Caminaron tomados de la mano todo el camino y atrajeron mucha atención.
Pero conociendo a Li Fengjin, a él no le importaba en absoluto.
Continuó con sus muestras de afecto en público.
Le besaba la mejilla, la mano y la frente.
Pero siendo la chica tímida que Bai Renxiang solía ser, estaba furiosamente sonrojada.
Su rostro no había vuelto a su tono blanco lechoso.
—Jin, tienes que parar, la gente está empezando a mirar —le susurró.
—Que miren.
No todos los días se puede ver a una hermosa pareja mostrando su amor en público.
Es normal.
No te avergüences —dijo Li Fengjin.
—No estoy acostumbrada.
—¿Qué?
¿Así que tú y tu ex nunca se besaron en público?
—No.
Dejemos de hablar de ex.
No tengo un ex y no soy ex de nadie.
¿Cómo puedes sacar ese tema?
—dijo Bai Renxiang con un mohín de fastidio.
—Está bien.
Lo siento.
Pero deberías acostumbrarte a esto.
Solo déjame presumir un poco.
Vamos, mi coche está justo adelante —señaló su Rolls Royce negro.
—Bien.
Vamos.
———
—Entonces…
Aquí es donde nos despedimos.
—Así es.
Llámame inmediatamente cuando pongas un pie en tu casa, ¿de acuerdo?
—Bai Renxiang abrazó su cintura.
—De acuerdo.
Te veré mañana entonces.
—Hmm.
Li Fengjin deslizó su dedo bajo su barbilla y levantó su cabeza un poco.
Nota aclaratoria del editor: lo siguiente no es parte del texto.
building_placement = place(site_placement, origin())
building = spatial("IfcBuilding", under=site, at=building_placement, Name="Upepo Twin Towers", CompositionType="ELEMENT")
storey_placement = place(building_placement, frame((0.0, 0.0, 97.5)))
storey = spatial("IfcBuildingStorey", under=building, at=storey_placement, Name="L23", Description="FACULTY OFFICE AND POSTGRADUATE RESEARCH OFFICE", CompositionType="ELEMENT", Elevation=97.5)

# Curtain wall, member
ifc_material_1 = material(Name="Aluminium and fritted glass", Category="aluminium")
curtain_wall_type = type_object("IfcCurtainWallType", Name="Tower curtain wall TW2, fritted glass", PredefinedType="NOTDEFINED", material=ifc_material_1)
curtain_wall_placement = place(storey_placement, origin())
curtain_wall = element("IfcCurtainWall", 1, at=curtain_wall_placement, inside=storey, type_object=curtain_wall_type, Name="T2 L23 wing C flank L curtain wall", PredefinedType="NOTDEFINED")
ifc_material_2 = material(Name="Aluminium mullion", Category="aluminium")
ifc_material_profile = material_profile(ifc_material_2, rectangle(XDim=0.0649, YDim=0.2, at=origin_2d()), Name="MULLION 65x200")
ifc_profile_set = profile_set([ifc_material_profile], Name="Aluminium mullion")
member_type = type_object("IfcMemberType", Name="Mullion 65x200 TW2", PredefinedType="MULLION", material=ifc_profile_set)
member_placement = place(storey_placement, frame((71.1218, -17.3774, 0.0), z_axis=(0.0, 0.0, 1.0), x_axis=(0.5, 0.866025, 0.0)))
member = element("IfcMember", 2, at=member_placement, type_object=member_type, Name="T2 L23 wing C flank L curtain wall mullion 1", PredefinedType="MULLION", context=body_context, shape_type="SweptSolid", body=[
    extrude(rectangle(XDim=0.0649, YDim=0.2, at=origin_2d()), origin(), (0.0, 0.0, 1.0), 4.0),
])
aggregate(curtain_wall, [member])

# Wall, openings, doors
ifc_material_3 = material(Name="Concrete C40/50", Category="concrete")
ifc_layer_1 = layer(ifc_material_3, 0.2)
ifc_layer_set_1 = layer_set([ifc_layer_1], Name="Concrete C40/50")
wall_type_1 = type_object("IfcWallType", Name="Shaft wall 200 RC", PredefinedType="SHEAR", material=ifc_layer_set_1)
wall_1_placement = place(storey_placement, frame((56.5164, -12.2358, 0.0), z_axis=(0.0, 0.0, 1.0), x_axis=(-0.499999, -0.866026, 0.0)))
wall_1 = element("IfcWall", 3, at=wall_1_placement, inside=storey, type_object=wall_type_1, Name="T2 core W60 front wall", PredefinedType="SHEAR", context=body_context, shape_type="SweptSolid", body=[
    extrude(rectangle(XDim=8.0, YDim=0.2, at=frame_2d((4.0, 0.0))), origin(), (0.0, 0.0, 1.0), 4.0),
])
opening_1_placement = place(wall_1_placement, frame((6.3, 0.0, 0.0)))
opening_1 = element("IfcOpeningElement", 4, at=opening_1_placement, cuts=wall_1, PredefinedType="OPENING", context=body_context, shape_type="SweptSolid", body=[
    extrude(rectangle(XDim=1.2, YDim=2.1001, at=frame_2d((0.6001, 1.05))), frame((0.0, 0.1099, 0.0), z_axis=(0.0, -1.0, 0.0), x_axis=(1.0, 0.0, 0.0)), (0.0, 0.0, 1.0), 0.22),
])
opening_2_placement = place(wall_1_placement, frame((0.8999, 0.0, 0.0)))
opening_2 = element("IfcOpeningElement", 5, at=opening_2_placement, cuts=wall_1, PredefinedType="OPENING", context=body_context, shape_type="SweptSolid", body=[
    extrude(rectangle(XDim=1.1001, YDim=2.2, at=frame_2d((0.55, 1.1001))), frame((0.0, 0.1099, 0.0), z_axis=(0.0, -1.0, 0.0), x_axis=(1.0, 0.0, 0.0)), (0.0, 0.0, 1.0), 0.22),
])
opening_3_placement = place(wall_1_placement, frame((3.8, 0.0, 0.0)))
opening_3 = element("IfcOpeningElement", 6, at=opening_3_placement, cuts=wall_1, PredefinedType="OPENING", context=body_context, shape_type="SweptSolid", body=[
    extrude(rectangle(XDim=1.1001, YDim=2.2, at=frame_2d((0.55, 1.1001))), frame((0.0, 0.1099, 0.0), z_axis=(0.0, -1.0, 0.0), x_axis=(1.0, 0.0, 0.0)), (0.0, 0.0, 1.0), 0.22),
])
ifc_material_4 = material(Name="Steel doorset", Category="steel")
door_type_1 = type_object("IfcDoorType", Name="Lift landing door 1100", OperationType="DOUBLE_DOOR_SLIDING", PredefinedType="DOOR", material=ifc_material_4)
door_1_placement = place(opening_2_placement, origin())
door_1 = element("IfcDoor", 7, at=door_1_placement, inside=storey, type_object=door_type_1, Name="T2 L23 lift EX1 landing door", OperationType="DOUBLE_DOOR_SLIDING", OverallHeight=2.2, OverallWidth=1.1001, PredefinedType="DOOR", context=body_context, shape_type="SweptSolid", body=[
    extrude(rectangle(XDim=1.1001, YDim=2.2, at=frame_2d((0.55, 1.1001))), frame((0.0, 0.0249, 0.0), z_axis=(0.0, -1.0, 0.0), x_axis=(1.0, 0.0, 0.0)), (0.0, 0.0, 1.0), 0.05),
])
Se inclinó y le dio un beso lento y suave en los labios.
Bai Renxiang suspiró.
Sus labios permanecieron juntos antes de separarse con vacilación.
Acariciando su mejilla sonrojada, sonrió:
— Buenas noches, mi amor.
—Buenas noches, cariño.
Ten un viaje seguro a casa.
Bai Renxiang se quedó allí despidiéndose con la mano hasta que el coche se perdió de vista.
Tomando una respiración profunda, dio media vuelta y caminó de regreso al edificio.
En su camino de vuelta, se topó con Yi Minsheng.
Ambos se sorprendieron al verse.
Observando bien su apariencia, Yi Minsheng preguntó:
— ¿Acabas de regresar de un paseo?
—N-No.
Jin acaba de irse.
Yo
—¿Lo acompañaste?
—Sí…
Sí, lo hice —Bai Renxiang sonrió—.
¿Tú también vienes de un paseo?
No puedes estar saliendo del trabajo a esta hora, ¿verdad?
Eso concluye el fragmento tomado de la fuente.